Nel corso dei secoli successivi, tra XVII, XVIII e XIX secolo, il castello passò nelle mani di diverse famiglie nobili francesi, che ne curarono restauri e interventi conservativi. Nel 1995 Valentino lo acquistò, trasformandolo in una delle sue principali dimore, luogo di incontro e convivialità per amici e ospiti illustri.
Il design del castello
Wideville non è soltanto una testimonianza straordinaria dell’architettura francese del Seicento, ma anche una chiave di lettura privilegiata per comprendere il raffinato gusto estetico di Valentino. Gli interni sono il frutto della collaborazione tra lo stilista e l’interior decorator Henri Samuel, che seppero fondere con armonia elementi dell’Ottocento francese e influenze della tradizione cinese imperiale.
Carte da parati floreali, porcellane cinesi, arredi preziosi e tessuti ricercati convivono con mobili impreziositi da rilievi dorati e suggestioni ispirate alla Shanghai degli anni Venti. Ogni stanza racconta una visione precisa, dimostrando come Valentino non considerasse il castello una semplice residenza, ma una vera e propria opera d’arte da vivere, permeata in ogni dettaglio del suo stile e della sua creatività.
I giardini: l’essenza dello stilista
A circondare il castello si estendono quasi 300 acri di parco: i giardini rappresentano una delle parti più maestose e affascinanti di Wideville. Progettati da Wirtz International, alternano prati curati, aiuole fiorite e alberi secolari a elementi storici di grande valore, come la celebre grotta di conchiglie del nymphaeum, che richiama le antiche architetture dei giardini francesi. Grande spazio è dedicato anche alle rose, fiori particolarmente amati da Valentino.

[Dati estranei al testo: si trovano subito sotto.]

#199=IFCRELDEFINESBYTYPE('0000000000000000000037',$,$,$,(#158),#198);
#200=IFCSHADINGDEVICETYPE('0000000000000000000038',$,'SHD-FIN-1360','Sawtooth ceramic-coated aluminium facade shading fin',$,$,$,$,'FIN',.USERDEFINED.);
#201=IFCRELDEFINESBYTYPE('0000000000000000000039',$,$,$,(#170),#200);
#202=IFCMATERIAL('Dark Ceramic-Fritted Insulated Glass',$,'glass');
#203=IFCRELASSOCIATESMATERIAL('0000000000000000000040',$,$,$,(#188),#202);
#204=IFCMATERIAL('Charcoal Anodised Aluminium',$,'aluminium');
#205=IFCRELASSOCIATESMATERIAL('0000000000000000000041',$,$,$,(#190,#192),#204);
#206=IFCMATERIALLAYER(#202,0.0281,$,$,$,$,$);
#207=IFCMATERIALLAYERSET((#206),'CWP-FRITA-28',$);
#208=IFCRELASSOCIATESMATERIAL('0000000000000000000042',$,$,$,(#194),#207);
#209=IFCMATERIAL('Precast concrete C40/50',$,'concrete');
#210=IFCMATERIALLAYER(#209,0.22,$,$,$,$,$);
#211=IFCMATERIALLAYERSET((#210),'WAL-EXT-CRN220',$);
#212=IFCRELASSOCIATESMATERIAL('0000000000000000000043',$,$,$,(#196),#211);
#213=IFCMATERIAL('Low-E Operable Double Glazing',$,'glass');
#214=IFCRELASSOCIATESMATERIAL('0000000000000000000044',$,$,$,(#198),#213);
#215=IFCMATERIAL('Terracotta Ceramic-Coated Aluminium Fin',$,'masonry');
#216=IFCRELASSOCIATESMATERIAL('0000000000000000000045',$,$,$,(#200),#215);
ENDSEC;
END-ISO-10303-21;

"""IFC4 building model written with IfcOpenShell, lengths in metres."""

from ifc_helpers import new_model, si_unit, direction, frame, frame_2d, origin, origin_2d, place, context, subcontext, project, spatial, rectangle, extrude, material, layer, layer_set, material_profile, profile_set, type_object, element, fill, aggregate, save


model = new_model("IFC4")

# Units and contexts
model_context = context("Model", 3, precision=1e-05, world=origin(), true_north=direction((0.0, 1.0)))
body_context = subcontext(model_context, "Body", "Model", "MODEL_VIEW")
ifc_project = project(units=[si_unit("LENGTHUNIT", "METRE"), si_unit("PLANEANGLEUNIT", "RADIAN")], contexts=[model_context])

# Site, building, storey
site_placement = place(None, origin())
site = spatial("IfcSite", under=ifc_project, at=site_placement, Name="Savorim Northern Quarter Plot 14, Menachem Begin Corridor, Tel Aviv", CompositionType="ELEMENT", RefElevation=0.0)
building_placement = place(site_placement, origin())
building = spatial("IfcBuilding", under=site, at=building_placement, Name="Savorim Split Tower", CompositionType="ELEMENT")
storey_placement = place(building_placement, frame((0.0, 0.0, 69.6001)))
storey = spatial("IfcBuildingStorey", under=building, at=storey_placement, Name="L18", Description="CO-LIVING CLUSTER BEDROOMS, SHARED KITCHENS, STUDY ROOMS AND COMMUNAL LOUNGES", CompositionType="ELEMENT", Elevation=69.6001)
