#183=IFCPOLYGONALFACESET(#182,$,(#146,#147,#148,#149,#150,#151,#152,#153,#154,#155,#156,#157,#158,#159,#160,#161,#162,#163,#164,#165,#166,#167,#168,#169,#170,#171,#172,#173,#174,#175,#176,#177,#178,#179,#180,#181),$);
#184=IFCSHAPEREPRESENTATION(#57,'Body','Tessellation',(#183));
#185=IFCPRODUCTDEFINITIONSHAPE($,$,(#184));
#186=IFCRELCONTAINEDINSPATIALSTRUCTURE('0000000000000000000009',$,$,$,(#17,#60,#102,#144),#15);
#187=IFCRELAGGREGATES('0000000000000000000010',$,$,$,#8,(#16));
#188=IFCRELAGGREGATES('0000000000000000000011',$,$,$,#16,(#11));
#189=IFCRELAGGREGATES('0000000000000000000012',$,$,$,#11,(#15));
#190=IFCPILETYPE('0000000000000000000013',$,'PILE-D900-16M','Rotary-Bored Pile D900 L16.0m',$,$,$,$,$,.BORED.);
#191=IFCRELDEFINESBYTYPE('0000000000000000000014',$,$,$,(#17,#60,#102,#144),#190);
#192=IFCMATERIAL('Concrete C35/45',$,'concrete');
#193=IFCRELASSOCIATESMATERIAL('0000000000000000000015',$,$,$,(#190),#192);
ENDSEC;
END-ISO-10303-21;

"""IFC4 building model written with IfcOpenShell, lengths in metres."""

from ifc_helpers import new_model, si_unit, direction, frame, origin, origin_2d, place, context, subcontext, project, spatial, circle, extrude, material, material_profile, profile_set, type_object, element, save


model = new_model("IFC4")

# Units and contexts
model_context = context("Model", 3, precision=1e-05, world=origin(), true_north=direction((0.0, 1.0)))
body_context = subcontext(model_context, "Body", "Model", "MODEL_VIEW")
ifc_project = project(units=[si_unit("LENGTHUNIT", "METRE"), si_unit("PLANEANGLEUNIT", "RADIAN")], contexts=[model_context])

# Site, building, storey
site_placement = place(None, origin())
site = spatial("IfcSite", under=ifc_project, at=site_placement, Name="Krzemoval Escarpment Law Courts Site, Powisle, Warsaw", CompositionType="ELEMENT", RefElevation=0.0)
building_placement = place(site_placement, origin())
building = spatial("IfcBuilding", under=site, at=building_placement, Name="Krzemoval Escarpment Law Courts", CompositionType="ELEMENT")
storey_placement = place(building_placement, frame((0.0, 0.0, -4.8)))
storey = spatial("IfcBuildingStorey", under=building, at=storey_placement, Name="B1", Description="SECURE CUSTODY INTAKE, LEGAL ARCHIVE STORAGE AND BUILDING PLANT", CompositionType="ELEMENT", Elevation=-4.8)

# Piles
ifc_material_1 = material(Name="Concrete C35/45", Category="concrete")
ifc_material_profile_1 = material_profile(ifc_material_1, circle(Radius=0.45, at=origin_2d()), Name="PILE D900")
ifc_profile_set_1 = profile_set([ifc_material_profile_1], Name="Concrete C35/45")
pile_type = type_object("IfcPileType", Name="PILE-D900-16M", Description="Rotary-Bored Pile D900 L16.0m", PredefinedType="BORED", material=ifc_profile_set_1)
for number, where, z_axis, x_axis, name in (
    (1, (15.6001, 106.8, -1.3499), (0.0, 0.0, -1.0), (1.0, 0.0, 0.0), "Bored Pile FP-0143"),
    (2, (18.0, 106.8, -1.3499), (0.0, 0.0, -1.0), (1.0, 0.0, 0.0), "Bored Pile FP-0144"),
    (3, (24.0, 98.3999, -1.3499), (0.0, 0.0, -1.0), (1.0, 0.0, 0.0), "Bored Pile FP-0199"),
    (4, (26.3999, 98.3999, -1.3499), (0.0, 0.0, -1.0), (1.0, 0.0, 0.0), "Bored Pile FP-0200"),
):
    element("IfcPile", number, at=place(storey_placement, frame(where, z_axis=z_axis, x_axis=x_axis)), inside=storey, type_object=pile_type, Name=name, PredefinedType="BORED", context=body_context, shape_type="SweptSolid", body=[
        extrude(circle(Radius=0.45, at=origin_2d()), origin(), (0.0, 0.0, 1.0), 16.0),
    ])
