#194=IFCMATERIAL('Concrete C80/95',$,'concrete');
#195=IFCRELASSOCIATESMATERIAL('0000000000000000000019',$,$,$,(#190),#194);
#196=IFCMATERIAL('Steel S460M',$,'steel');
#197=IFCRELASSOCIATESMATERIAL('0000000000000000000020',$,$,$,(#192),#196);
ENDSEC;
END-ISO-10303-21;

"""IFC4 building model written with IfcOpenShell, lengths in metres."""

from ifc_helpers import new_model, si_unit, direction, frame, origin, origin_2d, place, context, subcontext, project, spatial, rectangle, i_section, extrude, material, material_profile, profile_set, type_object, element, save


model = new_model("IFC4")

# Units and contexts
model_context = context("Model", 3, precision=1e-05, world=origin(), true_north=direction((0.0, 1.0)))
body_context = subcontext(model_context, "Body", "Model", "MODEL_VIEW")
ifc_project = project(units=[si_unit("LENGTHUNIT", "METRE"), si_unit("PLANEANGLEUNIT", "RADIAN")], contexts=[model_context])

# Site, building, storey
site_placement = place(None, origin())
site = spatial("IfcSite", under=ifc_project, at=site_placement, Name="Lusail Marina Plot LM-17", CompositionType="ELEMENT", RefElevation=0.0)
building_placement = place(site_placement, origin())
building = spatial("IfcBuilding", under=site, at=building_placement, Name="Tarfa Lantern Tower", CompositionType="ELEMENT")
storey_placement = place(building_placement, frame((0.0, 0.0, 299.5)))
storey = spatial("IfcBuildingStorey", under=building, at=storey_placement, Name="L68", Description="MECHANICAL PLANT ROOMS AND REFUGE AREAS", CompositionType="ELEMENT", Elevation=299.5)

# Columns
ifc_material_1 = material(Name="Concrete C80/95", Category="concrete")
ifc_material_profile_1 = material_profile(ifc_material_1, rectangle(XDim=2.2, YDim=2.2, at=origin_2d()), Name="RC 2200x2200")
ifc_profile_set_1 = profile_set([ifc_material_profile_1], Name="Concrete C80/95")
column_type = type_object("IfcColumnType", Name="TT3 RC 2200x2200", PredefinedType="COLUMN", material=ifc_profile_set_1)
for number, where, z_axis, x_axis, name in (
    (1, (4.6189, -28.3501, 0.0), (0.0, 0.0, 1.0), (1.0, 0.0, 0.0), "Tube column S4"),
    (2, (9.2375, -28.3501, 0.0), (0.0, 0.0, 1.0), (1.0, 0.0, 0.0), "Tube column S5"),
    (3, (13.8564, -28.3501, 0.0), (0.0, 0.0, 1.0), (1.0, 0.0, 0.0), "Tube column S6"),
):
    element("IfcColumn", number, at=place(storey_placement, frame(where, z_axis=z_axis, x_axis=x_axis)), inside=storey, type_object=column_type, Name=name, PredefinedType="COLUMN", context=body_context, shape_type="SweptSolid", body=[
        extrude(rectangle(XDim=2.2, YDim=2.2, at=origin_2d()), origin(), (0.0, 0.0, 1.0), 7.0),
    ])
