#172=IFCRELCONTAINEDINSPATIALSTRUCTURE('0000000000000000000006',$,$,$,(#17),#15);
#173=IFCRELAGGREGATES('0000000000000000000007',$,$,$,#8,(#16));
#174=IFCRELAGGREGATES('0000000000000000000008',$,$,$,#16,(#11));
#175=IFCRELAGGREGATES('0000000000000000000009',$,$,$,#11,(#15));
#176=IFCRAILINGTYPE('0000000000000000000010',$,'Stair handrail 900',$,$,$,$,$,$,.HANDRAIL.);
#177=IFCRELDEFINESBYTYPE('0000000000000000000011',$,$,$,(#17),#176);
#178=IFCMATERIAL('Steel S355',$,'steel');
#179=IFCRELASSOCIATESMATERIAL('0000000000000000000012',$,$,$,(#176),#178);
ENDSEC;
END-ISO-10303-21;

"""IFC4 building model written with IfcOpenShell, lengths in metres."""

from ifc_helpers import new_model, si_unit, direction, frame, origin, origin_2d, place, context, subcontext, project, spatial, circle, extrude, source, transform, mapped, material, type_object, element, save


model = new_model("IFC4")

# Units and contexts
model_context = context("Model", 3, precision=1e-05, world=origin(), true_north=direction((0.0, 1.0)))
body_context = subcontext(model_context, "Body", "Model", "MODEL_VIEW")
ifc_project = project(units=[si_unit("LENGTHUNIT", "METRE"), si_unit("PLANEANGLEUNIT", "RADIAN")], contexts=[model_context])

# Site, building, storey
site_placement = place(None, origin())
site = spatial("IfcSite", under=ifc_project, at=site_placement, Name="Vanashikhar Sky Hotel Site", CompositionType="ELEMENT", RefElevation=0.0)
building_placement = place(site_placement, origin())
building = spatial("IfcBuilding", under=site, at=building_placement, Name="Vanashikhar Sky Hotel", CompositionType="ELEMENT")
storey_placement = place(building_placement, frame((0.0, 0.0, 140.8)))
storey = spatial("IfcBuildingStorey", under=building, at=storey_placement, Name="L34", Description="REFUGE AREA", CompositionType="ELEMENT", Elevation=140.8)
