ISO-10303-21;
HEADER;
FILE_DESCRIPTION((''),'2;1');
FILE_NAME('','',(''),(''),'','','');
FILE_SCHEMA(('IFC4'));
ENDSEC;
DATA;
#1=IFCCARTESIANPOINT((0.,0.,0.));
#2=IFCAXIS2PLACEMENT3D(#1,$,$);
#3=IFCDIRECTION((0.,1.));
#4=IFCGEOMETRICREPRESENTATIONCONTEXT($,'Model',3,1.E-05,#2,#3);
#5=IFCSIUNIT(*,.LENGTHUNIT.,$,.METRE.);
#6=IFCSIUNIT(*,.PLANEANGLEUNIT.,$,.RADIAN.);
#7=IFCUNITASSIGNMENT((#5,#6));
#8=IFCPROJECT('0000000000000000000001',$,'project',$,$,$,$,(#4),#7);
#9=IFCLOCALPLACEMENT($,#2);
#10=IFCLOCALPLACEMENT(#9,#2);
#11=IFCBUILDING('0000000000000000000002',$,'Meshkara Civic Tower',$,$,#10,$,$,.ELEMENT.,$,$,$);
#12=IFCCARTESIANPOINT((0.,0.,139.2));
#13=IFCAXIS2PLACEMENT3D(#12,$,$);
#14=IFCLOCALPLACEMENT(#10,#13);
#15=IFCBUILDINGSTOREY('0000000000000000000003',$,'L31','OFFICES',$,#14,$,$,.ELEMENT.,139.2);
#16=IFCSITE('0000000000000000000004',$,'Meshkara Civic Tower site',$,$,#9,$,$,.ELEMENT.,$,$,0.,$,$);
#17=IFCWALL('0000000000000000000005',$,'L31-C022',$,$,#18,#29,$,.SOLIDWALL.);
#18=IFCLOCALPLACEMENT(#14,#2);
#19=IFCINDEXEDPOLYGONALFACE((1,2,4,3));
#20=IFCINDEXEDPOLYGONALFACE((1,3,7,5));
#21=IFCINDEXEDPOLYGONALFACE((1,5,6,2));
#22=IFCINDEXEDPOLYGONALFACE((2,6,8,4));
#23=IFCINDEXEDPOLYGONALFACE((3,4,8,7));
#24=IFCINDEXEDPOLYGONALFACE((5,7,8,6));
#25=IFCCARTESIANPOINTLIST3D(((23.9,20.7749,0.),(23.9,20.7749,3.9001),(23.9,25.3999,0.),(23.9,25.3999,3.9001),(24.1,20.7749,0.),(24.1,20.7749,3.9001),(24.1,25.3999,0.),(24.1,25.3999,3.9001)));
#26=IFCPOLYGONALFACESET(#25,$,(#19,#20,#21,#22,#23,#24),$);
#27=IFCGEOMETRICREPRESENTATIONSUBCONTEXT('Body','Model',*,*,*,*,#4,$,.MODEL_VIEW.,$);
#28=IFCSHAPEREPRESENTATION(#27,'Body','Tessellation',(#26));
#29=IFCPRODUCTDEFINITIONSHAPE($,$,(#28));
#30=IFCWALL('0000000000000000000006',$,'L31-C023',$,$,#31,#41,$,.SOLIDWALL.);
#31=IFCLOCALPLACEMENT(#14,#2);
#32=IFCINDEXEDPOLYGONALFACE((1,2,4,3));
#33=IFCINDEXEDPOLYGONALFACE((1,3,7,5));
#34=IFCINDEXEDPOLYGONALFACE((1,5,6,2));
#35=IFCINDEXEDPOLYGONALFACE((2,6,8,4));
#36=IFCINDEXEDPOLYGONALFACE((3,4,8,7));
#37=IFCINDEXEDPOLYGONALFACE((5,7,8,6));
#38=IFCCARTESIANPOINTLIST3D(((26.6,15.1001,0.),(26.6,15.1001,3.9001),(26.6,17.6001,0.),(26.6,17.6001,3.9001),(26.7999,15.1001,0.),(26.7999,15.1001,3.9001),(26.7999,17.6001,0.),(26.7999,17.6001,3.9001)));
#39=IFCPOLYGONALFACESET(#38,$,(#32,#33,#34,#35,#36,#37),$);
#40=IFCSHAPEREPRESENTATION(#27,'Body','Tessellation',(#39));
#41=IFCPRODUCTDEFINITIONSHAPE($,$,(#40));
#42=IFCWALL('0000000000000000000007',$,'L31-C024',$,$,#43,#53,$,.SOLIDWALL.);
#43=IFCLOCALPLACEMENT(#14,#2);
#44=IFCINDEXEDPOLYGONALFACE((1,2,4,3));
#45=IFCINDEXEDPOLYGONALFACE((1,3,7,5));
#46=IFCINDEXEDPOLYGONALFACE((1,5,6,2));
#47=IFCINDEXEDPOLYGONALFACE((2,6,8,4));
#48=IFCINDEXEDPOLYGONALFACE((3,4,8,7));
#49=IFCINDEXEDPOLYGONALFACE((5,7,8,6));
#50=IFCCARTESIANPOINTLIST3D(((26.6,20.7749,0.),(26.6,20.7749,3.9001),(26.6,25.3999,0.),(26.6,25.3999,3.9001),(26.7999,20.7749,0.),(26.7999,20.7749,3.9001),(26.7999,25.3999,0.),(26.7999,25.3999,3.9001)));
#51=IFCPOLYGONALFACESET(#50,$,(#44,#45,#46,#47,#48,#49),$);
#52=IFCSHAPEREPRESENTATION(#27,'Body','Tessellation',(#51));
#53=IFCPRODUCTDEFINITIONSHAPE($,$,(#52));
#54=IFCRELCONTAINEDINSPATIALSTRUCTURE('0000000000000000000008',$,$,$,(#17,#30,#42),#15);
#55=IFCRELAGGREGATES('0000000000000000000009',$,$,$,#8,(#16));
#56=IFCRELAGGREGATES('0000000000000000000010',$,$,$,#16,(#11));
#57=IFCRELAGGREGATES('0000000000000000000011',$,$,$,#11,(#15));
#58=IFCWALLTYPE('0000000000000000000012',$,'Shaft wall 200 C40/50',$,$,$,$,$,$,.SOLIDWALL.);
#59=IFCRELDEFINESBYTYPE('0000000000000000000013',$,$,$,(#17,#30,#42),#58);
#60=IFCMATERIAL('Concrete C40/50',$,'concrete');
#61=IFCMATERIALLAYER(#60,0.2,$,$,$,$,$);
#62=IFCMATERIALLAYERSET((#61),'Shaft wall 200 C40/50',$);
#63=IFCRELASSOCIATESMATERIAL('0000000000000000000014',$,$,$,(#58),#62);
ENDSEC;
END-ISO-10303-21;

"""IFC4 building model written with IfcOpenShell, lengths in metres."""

from ifc_helpers import new_model, si_unit, direction, frame, frame_2d, origin, place, context, subcontext, project, spatial, rectangle, extrude, material, layer, layer_set, type_object, element, save


model = new_model("IFC4")

# Units and contexts
model_context = context("Model", 3, precision=1e-05, world=origin(), true_north=direction((0.0, 1.0)))
body_context = subcontext(model_context, "Body", "Model", "MODEL_VIEW")
ifc_project = project(units=[si_unit("LENGTHUNIT", "METRE"), si_unit("PLANEANGLEUNIT", "RADIAN")], contexts=[model_context])

# Site, building, storey
site_placement = place(None, origin())
site = spatial("IfcSite", under=ifc_project, at=site_placement, Name="Meshkara Civic Tower site", CompositionType="ELEMENT", RefElevation=0.0)
building_placement = place(site_placement, origin())
building = spatial("IfcBuilding", under=site, at=building_placement, Name="Meshkara Civic Tower", CompositionType="ELEMENT")
storey_placement = place(building_placement, frame((0.0, 0.0, 139.2)))
storey = spatial("IfcBuildingStorey", under=building, at=storey_placement, Name="L31", Description="OFFICES", CompositionType="ELEMENT", Elevation=139.2)

# Shared definitions
ifc_material_1 = material(Name="Concrete C40/50", Category="concrete")
ifc_layer_1 = layer(ifc_material_1, 0.2)
ifc_layer_set_1 = layer_set([ifc_layer_1], Name="Shaft wall 200 C40/50")
wall_type_1 = type_object("IfcWallType", Name="Shaft wall 200 C40/50", PredefinedType="SOLIDWALL", material=ifc_layer_set_1)

# Walls
wall_1_placement = place(storey_placement, frame((24.0, 20.7749, 0.0), z_axis=(0.0, 0.0, 1.0), x_axis=(0.0, 1.0, 0.0)))
element("IfcWall", 1, at=wall_1_placement, inside=storey, type_object=wall_type_1, Name="L31-C022", PredefinedType="SOLIDWALL", context=body_context, shape_type="SweptSolid", body=[
    extrude(rectangle(XDim=4.625, YDim=0.2, at=frame_2d((2.3125, 0.0))), origin(), (0.0, 0.0, 1.0), 3.9001),
])
wall_2_placement = place(storey_placement, frame((26.7, 15.1001, 0.0), z_axis=(0.0, 0.0, 1.0), x_axis=(0.0, 1.0, 0.0)))
element("IfcWall", 2, at=wall_2_placement, inside=storey, type_object=wall_type_1, Name="L31-C023", PredefinedType="SOLIDWALL", context=body_context, shape_type="SweptSolid", body=[
    extrude(rectangle(XDim=2.5, YDim=0.2, at=frame_2d((1.25, 0.0))), origin(), (0.0, 0.0, 1.0), 3.9001),
])
wall_3_placement = place(storey_placement, frame((26.7, 20.7749, 0.0), z_axis=(0.0, 0.0, 1.0), x_axis=(0.0, 1.0, 0.0)))
element("IfcWall", 3, at=wall_3_placement, inside=storey, type_object=wall_type_1, Name="L31-C024", PredefinedType="SOLIDWALL", context=body_context, shape_type="SweptSolid", body=[
    extrude(rectangle(XDim=4.625, YDim=0.2, at=frame_2d((2.3125, 0.0))), origin(), (0.0, 0.0, 1.0), 3.9001),
])

save(model, "model.ifc")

I giardini non hanno solo una funzione scenografica, ma costituiscono una vera espressione del gusto raffinato dello stilista, creando un dialogo continuo tra il patrimonio storico del luogo e la sua visione estetica. Per Valentino, infatti, il parco era un naturale prolungamento della casa, un luogo dove bellezza, equilibrio si sposavano in armonia trovando la loro massima espressione.